Ten months ago, a storm ripped the roof off their home. Although father and sons did their best to restore it, whenever rain falls, water floods the single room they all share. “It won’t survive another battering,” Fadia insists.
Currently, the family’s only financial support is provided through UNICEF’s ‘Haddi’ (meaning ‘next to me’) child grant. Under ‘Haddi’, families with one registered child receive a child grant of US$40 per month, those with two children, US$60, and households with three or more registered children, US$80. For this family, it is their survival lifeline. Receiving the grant in US dollars, instead of in the devaluing local currency, is vital.
A UNICEF survey of Haddi recipients revealed that their level of vulnerability is such that the economic crisis is taking a severe toll, with almost all households having to cut spending on children, over 90% cutting food intake, and three-quarters postponing health visits. Worryingly, almost a third of households reported having had to send a child out to work. Haddi is providing an immediate response to children’s various needs.
Vulnerable children are identified through UNICEF partners as needing high-priority complementary services, such as education for children excluded from schooling, child protection for children at risk of child labour, or nutrition support for undernourished children.
With prices continuing to rise, this cash support barely keeps them fed, and there are limited opportunities to set any aside for future costs. The family has barely more clothes than those they stand up in and would find it equally challenging to cover medical expenses should father or sons fall ill. Fadia claps her hands together, looks skywards, and says, “We’re blessed with good health, for now”.
Currently, and to Fadia’s great relief, the family remains debt-free. She knows how easy it is to get into debt; and is equally aware of how hard it would be to extract herself. Fadia will continue to focus on staying debt-free. Even so, with a bleak winter ahead, this mother’s stoicism may be put to the test.
Fifteen-year-old Hadi is at school when we visit. It’s only his fifth day back after a break of over a year, and he’s happy to be there. Fadia notes that her son continues to wear his only pair of trousers and shoes to school every day. She knows she needs put a little cash aside every month to save for new clothes for her rapidly growing son, and tightly rations expenditure in every area of life to manage this.
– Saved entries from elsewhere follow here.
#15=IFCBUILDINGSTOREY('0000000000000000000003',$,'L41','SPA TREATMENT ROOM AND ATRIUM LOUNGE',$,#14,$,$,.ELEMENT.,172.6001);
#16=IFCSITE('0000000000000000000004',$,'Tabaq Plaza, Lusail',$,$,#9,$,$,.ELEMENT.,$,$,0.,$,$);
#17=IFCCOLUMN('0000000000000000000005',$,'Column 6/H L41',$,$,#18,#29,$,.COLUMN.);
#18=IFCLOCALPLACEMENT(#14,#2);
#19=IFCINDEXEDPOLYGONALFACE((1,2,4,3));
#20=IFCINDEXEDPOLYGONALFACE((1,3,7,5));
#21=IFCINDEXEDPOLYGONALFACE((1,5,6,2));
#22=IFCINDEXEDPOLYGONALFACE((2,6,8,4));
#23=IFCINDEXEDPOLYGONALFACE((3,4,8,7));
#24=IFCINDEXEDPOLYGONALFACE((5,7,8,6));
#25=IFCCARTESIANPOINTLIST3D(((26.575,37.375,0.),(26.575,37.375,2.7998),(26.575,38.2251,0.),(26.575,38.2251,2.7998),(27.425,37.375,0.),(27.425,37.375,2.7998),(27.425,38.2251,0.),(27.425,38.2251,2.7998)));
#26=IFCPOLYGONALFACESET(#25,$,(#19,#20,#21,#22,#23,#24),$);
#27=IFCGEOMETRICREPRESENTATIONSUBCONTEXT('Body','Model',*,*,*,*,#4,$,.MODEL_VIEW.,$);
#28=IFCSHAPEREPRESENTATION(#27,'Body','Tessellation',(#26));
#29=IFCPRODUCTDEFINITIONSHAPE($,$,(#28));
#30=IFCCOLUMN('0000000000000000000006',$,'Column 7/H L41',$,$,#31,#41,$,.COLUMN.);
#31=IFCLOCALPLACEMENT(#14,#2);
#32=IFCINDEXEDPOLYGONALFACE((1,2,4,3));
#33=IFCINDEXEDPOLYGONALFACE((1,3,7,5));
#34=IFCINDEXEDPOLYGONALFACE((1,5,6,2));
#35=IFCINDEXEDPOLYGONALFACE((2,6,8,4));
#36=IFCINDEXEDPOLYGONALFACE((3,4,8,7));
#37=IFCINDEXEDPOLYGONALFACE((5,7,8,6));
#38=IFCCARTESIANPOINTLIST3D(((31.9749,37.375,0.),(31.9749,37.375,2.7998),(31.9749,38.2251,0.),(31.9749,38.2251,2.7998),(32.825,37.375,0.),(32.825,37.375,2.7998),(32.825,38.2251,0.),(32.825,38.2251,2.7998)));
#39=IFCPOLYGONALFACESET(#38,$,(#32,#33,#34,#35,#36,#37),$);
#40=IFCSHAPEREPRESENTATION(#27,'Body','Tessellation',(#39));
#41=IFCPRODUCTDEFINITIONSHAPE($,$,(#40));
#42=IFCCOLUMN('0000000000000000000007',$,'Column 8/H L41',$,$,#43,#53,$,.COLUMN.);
Meanwhile, his brother, Abdullah, two years Hadi’s senior, sleeps curled up on a thin mat on the concrete floor of their home. Shaking her head, Fadia says, “He refused to go back to school. He felt he’d missed so much time and would never catch up. He knows there’s no work for the youth anyway. My son is only seventeen and has already lost hope”.
As she bids us a surprisingly ebullient farewell, Fadia invites us to return soon.
For now, through the ‘Haddi’ programme, her family continues to be supported, and UNICEF implementing partner Terre De Hommes Lausanne will work with Abdullah to introduce him to a vocational training programme that will deliver skills that may facilitate his entry to the labour market.